Design choice: This creates interesting optimization puzzles. If a task needs 100 units of research and 50 units of training, the agent should allocate more research-skilled employees to balance completion times.
ETA Solver (eta.py)
Completion Time Calculation
def solve_task_completion_time(task, assignments, sim_time):
for each domain d:
remaining = required_qty[d] - completed_qty[d]
rate = sum(effective_rate[emp][d] for emp in assignments)
if rate == 0:
return infinity # no one can work on this domain
hours_needed[d] = remaining / rate
max_hours = max(hours_needed.values())
return sim_time + max_hours (in business hours)
Halfway Time Calculation
Used for milestone events. Finds the time when weighted average across domains reaches 50%.

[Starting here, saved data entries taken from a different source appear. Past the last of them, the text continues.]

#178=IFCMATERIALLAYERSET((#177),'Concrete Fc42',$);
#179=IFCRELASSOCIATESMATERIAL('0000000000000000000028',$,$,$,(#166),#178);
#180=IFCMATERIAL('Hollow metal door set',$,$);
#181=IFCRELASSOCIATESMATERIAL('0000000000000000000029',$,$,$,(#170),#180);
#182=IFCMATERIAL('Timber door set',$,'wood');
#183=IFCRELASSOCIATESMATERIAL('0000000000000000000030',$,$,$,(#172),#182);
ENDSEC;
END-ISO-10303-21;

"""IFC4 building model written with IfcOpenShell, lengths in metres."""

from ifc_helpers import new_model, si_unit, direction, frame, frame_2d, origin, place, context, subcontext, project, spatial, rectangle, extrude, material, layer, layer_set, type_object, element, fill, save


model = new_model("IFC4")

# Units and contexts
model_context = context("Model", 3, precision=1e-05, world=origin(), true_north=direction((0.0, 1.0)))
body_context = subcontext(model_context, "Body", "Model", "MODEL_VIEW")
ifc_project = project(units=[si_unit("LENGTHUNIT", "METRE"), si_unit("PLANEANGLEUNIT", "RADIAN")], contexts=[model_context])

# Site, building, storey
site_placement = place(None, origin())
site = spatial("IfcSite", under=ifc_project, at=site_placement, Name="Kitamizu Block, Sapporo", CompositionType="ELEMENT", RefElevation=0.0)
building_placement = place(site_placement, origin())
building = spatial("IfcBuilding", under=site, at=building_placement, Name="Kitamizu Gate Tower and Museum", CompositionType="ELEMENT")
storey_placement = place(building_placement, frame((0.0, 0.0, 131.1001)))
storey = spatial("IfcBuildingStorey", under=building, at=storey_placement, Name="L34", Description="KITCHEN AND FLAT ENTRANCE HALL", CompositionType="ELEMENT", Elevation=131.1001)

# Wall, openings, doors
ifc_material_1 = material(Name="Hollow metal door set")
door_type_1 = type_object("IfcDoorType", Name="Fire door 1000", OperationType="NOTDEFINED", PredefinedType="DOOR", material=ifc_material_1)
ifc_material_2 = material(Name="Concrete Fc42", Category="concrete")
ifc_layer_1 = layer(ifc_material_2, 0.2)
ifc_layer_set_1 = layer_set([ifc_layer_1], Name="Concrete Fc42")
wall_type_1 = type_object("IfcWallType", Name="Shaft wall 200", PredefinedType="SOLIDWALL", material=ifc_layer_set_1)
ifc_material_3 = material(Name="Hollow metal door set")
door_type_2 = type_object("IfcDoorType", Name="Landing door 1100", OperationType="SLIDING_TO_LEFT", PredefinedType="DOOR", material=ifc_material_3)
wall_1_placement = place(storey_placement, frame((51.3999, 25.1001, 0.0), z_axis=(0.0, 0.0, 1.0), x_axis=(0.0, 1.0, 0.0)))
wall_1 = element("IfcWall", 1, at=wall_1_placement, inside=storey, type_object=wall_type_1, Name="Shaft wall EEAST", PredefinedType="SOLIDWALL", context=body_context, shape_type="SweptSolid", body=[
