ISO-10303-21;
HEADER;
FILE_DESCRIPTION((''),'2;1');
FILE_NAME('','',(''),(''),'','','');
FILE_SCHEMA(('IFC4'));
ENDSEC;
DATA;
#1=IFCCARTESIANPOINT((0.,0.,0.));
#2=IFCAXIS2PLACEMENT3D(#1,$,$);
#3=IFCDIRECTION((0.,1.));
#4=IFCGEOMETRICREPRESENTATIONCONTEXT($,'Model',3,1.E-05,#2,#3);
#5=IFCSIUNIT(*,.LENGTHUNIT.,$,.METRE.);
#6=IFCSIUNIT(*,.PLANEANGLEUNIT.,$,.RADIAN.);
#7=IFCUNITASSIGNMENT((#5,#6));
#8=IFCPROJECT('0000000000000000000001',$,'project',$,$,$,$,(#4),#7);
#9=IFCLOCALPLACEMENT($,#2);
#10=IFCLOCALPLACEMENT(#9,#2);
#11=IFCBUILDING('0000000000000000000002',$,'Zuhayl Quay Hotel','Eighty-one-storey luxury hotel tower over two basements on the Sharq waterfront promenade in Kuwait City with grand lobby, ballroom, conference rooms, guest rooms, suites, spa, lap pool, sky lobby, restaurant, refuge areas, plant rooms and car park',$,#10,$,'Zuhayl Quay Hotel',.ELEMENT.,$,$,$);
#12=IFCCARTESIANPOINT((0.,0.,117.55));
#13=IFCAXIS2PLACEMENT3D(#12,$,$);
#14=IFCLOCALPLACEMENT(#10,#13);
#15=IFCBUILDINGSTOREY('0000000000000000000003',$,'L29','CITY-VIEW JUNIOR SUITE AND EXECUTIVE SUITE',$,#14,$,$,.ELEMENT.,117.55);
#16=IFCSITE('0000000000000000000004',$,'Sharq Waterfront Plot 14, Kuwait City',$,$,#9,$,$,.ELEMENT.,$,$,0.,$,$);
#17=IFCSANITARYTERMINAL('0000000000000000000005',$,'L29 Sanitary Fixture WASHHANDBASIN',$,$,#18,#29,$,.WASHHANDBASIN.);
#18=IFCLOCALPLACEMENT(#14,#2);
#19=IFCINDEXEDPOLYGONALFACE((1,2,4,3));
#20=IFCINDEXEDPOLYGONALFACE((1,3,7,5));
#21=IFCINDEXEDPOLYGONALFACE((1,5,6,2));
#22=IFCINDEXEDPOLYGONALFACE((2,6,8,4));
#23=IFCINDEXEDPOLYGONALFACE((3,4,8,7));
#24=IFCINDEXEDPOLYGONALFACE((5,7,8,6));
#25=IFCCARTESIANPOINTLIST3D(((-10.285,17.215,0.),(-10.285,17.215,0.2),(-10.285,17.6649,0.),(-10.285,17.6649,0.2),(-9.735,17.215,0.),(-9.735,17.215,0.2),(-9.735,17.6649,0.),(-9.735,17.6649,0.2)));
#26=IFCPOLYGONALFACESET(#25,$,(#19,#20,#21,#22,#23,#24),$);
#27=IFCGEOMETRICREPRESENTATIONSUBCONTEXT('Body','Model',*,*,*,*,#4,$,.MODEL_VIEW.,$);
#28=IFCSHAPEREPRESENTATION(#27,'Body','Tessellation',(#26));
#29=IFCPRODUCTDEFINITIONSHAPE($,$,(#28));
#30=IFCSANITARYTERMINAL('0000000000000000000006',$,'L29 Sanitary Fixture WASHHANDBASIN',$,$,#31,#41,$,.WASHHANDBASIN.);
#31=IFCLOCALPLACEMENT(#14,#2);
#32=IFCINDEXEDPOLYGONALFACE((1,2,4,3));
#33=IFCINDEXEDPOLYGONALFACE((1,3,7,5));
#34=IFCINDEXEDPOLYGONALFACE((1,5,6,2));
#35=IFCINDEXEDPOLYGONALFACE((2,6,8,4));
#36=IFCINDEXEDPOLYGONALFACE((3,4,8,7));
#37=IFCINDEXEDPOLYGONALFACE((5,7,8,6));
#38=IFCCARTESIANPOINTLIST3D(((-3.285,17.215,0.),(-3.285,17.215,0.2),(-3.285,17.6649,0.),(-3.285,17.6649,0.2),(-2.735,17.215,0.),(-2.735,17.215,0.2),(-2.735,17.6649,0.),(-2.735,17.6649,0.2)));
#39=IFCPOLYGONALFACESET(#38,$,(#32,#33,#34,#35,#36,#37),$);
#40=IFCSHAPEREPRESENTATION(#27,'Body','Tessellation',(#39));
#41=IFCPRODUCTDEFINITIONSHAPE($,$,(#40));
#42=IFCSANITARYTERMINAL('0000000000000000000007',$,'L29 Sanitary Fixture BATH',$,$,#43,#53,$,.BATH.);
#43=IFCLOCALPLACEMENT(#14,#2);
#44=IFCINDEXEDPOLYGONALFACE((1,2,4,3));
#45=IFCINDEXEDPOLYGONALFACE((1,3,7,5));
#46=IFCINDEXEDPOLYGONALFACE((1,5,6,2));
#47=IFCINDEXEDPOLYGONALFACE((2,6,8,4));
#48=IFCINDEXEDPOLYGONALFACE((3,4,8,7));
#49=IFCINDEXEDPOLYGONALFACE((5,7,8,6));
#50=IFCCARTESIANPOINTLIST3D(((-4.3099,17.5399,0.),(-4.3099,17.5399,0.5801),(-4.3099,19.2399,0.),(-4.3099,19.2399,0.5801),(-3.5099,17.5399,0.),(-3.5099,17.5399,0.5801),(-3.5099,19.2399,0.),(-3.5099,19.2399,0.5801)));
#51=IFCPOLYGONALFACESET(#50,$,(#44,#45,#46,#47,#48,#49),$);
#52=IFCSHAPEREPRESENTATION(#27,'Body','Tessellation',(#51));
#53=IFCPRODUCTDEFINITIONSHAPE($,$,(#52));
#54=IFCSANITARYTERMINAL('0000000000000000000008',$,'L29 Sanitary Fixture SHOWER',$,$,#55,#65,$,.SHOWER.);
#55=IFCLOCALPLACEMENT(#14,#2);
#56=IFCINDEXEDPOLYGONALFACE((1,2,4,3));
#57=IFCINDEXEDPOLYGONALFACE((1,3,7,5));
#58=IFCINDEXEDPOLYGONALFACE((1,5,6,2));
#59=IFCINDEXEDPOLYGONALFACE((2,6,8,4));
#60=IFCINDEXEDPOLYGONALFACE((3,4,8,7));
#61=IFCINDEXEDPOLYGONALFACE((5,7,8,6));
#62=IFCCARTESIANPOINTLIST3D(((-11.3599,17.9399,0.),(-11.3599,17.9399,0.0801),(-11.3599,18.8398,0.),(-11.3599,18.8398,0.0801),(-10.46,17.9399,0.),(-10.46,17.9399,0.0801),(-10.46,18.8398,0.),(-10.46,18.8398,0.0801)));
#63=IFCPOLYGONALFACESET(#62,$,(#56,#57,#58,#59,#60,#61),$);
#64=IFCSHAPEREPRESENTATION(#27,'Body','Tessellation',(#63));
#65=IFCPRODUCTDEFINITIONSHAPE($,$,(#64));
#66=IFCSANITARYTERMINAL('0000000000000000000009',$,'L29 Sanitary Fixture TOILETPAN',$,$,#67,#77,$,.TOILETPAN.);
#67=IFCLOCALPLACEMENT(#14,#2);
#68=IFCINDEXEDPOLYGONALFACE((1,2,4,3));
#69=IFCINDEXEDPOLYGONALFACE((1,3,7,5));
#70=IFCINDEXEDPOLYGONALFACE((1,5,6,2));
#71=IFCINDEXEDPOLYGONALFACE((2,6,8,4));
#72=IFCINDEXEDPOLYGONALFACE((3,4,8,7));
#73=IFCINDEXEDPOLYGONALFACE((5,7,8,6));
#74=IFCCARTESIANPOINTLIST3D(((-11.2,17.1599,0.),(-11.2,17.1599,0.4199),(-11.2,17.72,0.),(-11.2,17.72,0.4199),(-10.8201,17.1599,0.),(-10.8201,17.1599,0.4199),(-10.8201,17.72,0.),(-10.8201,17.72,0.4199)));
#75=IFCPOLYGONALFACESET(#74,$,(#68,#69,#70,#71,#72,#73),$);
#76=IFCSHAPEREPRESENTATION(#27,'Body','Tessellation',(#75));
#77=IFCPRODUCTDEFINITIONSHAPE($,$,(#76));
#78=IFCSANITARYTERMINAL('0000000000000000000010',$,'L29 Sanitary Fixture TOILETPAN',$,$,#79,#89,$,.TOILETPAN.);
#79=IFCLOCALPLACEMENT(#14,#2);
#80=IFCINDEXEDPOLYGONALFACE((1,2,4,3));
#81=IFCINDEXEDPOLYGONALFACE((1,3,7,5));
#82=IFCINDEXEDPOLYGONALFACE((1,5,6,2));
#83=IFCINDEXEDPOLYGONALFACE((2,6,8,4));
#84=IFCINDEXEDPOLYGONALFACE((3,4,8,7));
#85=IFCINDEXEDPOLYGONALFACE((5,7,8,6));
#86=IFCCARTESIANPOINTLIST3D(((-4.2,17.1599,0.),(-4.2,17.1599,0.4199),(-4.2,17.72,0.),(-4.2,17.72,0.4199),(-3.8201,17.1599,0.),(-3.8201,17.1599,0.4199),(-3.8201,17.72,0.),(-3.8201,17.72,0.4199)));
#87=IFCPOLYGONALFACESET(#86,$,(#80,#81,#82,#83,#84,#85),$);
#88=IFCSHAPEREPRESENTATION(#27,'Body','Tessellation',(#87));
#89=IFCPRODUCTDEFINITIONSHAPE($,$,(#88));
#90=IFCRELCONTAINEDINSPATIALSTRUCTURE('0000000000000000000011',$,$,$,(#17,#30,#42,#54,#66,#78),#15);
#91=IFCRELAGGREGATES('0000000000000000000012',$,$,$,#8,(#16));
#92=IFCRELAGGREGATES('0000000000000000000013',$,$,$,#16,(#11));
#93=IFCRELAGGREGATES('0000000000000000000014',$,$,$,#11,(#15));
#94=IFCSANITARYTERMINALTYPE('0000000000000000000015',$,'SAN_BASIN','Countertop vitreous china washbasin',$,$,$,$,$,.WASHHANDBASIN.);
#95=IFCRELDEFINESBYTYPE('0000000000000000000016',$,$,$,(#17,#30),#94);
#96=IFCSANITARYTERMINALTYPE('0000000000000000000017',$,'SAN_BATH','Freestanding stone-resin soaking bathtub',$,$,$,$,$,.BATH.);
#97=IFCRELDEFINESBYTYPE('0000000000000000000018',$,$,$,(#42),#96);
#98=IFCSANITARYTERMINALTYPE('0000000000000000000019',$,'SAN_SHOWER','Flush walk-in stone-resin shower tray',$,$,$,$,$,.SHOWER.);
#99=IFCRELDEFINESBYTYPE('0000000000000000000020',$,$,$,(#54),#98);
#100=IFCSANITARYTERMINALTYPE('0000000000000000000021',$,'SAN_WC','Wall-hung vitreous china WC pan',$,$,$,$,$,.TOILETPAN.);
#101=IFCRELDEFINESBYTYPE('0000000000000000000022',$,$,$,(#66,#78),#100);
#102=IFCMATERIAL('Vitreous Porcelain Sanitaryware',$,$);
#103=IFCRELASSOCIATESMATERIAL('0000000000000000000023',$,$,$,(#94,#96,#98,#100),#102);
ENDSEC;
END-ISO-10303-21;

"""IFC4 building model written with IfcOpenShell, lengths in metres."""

from ifc_helpers import new_model, si_unit, direction, frame, origin, origin_2d, place, context, subcontext, project, spatial, rectangle, extrude, material, type_object, element, save


model = new_model("IFC4")

# Units and contexts
model_context = context("Model", 3, precision=1e-05, world=origin(), true_north=direction((0.0, 1.0)))
body_context = subcontext(model_context, "Body", "Model", "MODEL_VIEW")
ifc_project = project(units=[si_unit("LENGTHUNIT", "METRE"), si_unit("PLANEANGLEUNIT", "RADIAN")], contexts=[model_context])

# Site, building, storey
site_placement = place(None, origin())
site = spatial("IfcSite", under=ifc_project, at=site_placement, Name="Sharq Waterfront Plot 14, Kuwait City", CompositionType="ELEMENT", RefElevation=0.0)
building_placement = place(site_placement, origin())
building = spatial("IfcBuilding", under=site, at=building_placement, Name="Zuhayl Quay Hotel", Description="Eighty-one-storey luxury hotel tower over two basements on the Sharq waterfront promenade in Kuwait City with grand lobby, ballroom, conference rooms, guest rooms, suites, spa, lap pool, sky lobby, restaurant, refuge areas, plant rooms and car park", LongName="Zuhayl Quay Hotel", CompositionType="ELEMENT")
storey_placement = place(building_placement, frame((0.0, 0.0, 117.55)))
storey = spatial("IfcBuildingStorey", under=building, at=storey_placement, Name="L29", Description="CITY-VIEW JUNIOR SUITE AND EXECUTIVE SUITE", CompositionType="ELEMENT", Elevation=117.55)

# Sanitary terminals
ifc_material_1 = material(Name="Vitreous Porcelain Sanitaryware")
sanitary_terminal_type_1 = type_object("IfcSanitaryTerminalType", Name="SAN_BASIN", Description="Countertop vitreous china washbasin", PredefinedType="WASHHANDBASIN", material=ifc_material_1)
for number, where, z_axis, x_axis, name in (
    (1, (-10.01, 17.4399, 0.0), (0.0, 0.0, 1.0), (1.0, 0.0, 0.0), "L29 Sanitary Fixture WASHHANDBASIN"),
    (2, (-3.01, 17.4399, 0.0), (0.0, 0.0, 1.0), (1.0, 0.0, 0.0), "L29 Sanitary Fixture WASHHANDBASIN"),
):
    element("IfcSanitaryTerminal", number, at=place(storey_placement, frame(where, z_axis=z_axis, x_axis=x_axis)), inside=storey, type_object=sanitary_terminal_type_1, Name=name, PredefinedType="WASHHANDBASIN", context=body_context, shape_type="SweptSolid", body=[
        extrude(rectangle(XDim=0.55, YDim=0.45, at=origin_2d()), origin(), (0.0, 0.0, 1.0), 0.2),
    ])
sanitary_terminal_type_2 = type_object("IfcSanitaryTerminalType", Name="SAN_BATH", Description="Freestanding stone-resin soaking bathtub", PredefinedType="BATH", material=ifc_material_1)
sanitary_terminal_1_placement = place(storey_placement, frame((-3.9099, 18.3899, 0.0), z_axis=(0.0, 0.0, 1.0), x_axis=(1.0, 0.0, 0.0)))
element("IfcSanitaryTerminal", 3, at=sanitary_terminal_1_placement, inside=storey, type_object=sanitary_terminal_type_2, Name="L29 Sanitary Fixture BATH", PredefinedType="BATH", context=body_context, shape_type="SweptSolid", body=[
    extrude(rectangle(XDim=0.8, YDim=1.7, at=origin_2d()), origin(), (0.0, 0.0, 1.0), 0.5801),
])
sanitary_terminal_type_3 = type_object("IfcSanitaryTerminalType", Name="SAN_SHOWER", Description="Flush walk-in stone-resin shower tray", PredefinedType="SHOWER", material=ifc_material_1)
sanitary_terminal_2_placement = place(storey_placement, frame((-10.9099, 18.3899, 0.0), z_axis=(0.0, 0.0, 1.0), x_axis=(1.0, 0.0, 0.0)))
element("IfcSanitaryTerminal", 4, at=sanitary_terminal_2_placement, inside=storey, type_object=sanitary_terminal_type_3, Name="L29 Sanitary Fixture SHOWER", PredefinedType="SHOWER", context=body_context, shape_type="SweptSolid", body=[
    extrude(rectangle(XDim=0.8999, YDim=0.8999, at=origin_2d()), origin(), (0.0, 0.0, 1.0), 0.0801),
])
sanitary_terminal_type_4 = type_object("IfcSanitaryTerminalType", Name="SAN_WC", Description="Wall-hung vitreous china WC pan", PredefinedType="TOILETPAN", material=ifc_material_1)
for number, where, z_axis, x_axis, name in (
    (5, (-11.01, 17.4399, 0.0), (0.0, 0.0, 1.0), (1.0, 0.0, 0.0), "L29 Sanitary Fixture TOILETPAN"),
    (6, (-4.01, 17.4399, 0.0), (0.0, 0.0, 1.0), (1.0, 0.0, 0.0), "L29 Sanitary Fixture TOILETPAN"),
):
    element("IfcSanitaryTerminal", number, at=place(storey_placement, frame(where, z_axis=z_axis, x_axis=x_axis)), inside=storey, type_object=sanitary_terminal_type_4, Name=name, PredefinedType="TOILETPAN", context=body_context, shape_type="SweptSolid", body=[
        extrude(rectangle(XDim=0.3799, YDim=0.5601, at=origin_2d()), origin(), (0.0, 0.0, 1.0), 0.4199),
    ])

save(model, "model.ifc")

When ETAs Are Recalculated
- Task dispatched (new active task)
- Employee assigned/unassigned
- Task completed (frees employee throughput for other tasks)
- Task cancelled (same)
Design choice: Dynamic ETA recalculation ensures events are always accurate. When an employee is reassigned, all affected tasks get new completion projections.
Market Task Generation
See 09_configuration.md for details on how market tasks are generated with stratified prestige distribution and randomized requirements.
Browsing and Filtering
The market browse command supports:
- Domain filter
- Prestige range filter
- Reward range filter
- Pagination (offset/limit)
All output is JSON for agent consumption.
Sim Resume Blocking
yc-bench sim resume is blocked when there are zero active tasks, returning {"ok": false} instead of advancing time. This prevents catastrophic payroll drain when the agent has no work in progress. The agent loop filters blocked responses and treats them as no-ops.
The auto-advance mechanism (which forces sim resume after N consecutive turns without one) also checks for active tasks before advancing.